US industrial giant General Electric (GE) resorted to tax optimization in France between 2015 and 2020, allowing it to transfer up to 800 million euros of profit abroad, according to information published on Sunday May 29, by the investigative site Disclose.
These practices concern the French gas turbine entity of GE in Belfort, where he was sued by employees in December 2021 who precisely denounced his tax optimization scheme. These employees had filed a complaint for “fraud on the right to employee participation”.
Since the takeover of the Belfort turbine plant from Alstom in 2015, the American multinational would have caused 800 million euros in profits to escape to Switzerland and the American state of Delaware, i.e. a shortfall of between 150 and 300 million. for the French tax authorities, according to the balance sheets of the factory and the audits consulted by Disclose.
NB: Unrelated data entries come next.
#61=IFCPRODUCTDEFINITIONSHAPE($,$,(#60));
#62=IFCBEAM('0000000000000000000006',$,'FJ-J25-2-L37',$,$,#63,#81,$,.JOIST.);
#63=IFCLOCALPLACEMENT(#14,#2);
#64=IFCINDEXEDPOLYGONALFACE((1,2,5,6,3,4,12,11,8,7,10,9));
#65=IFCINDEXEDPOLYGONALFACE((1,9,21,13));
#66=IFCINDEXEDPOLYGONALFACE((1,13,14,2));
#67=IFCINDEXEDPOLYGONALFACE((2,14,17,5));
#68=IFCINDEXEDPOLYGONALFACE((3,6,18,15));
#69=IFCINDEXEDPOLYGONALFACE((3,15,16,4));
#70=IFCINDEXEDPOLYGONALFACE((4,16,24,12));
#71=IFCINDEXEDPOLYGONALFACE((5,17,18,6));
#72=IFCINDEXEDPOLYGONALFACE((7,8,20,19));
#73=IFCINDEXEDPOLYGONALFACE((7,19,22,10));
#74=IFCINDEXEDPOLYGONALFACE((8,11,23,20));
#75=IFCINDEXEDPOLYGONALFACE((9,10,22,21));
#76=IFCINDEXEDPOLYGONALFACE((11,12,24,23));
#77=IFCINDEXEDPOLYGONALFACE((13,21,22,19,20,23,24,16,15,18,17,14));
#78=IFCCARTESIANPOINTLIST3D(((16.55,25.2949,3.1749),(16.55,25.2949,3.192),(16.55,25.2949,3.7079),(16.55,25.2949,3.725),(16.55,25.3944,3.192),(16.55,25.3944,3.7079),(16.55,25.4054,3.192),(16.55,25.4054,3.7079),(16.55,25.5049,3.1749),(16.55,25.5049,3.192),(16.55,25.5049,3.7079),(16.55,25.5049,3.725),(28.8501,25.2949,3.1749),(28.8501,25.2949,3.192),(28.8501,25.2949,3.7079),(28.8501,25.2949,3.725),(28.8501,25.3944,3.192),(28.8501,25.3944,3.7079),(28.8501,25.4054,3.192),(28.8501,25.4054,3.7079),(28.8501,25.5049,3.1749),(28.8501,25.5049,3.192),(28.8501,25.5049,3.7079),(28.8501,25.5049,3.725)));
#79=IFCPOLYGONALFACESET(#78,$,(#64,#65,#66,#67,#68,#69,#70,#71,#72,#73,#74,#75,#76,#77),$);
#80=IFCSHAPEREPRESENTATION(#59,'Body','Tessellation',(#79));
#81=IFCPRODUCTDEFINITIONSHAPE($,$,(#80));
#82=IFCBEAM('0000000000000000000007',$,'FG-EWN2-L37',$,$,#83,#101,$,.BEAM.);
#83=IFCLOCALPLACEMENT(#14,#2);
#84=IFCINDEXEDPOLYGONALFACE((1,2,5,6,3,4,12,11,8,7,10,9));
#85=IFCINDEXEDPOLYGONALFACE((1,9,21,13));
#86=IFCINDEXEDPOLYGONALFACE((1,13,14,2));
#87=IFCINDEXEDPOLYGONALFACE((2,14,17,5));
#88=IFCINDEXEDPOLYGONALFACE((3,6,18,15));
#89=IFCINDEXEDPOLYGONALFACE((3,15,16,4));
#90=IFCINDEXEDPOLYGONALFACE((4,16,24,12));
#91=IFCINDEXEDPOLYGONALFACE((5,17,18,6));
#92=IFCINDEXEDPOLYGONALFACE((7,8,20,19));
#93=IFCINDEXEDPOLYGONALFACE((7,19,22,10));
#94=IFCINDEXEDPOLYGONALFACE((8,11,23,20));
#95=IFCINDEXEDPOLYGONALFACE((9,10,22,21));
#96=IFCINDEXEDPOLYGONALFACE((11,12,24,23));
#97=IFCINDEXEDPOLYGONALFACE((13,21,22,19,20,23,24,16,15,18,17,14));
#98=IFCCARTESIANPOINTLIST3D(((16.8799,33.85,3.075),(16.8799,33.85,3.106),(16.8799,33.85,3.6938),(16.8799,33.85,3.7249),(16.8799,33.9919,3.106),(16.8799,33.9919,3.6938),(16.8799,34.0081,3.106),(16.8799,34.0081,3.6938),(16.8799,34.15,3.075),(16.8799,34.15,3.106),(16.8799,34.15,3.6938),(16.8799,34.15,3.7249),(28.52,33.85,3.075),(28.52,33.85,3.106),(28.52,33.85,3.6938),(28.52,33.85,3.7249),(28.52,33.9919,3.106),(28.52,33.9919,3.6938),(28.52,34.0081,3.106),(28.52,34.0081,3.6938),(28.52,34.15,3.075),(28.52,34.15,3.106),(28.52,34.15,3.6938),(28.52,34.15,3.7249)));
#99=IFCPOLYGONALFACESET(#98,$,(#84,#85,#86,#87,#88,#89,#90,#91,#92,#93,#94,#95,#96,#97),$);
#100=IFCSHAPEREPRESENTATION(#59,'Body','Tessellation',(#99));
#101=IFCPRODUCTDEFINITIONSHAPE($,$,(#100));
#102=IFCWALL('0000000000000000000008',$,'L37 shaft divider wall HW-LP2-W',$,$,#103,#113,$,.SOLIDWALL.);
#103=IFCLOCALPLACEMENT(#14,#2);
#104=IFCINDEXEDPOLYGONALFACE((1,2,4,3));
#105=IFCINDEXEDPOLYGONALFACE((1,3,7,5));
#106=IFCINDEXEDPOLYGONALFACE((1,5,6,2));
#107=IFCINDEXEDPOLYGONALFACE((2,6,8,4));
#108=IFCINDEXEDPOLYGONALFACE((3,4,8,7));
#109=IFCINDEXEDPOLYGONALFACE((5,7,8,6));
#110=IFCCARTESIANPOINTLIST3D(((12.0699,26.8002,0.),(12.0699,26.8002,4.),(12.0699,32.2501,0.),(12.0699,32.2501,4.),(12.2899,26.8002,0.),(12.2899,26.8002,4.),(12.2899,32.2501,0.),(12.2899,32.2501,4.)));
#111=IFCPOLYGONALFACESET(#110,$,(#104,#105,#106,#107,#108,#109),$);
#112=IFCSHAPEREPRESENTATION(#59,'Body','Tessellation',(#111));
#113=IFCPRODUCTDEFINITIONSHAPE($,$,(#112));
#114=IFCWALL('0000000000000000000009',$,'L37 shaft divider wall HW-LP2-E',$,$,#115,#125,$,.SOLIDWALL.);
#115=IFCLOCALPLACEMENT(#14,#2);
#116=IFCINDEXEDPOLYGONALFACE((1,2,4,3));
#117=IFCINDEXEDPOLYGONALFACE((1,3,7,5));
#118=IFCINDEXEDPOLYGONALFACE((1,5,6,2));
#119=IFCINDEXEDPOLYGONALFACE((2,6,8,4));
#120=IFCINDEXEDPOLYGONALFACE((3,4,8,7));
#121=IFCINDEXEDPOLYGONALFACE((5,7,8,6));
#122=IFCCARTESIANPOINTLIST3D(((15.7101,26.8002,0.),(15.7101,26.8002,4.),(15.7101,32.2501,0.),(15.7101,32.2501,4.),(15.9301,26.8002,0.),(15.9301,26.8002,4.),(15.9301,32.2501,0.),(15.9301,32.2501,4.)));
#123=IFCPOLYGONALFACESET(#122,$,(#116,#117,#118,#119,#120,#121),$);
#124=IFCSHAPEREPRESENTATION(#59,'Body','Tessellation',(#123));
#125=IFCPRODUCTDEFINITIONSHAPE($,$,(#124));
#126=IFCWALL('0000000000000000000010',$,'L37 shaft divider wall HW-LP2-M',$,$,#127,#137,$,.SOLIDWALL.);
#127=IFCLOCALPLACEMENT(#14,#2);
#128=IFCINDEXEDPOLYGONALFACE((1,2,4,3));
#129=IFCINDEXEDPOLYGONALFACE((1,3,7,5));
According to this financial package, the Belfort plant was a “contract manufacturing unit” or ” service provider “ of GE’s Swiss subsidiaries, which handle the sales and make most of the profits. The power plant turbine factory also paid royalties to its US parent company for the use of its brand and technologies.
No tax audit
Bercy would have previously validated the tax scheme, according to a protocol of ” trust “ with the tax administration, specifies Disclose. According to this procedure set up by the Ministry of Finance in 2013 with a handful of companies, including GE, the company prepares its tax plan upstream with the tax authorities, which undertakes not to launch an audit.
“GE respects the tax rules of the countries in which the company operates”replied, Sunday, a spokesperson for the industrialist. “All companies that operate and manufacture in multiple countries have a transfer pricing policy to ensure that all inter-company transactions are at an arm’s length price. [c’est-à-dire à des prix qui s’appliqueraient aux transactions entre parties non liées] »he continued.
In their summons filed in December 2021, the Sud Industrie union and the Social and Economic Committee (CSE) of GE accused the company of having reduced the tax result of the Belfort gas turbines entity (GE EPF) by the transfer of wealth to subsidiaries abroad, where taxation is more advantageous. They are calling for a catch-up in participation over the period 2015-2020.
The CSE estimated at around one billion euros the amount of profits located in tax havens to the detriment of GE EPF in recent years. EDF has since announced the purchase of part of the site’s activities for 1.2 billion dollars.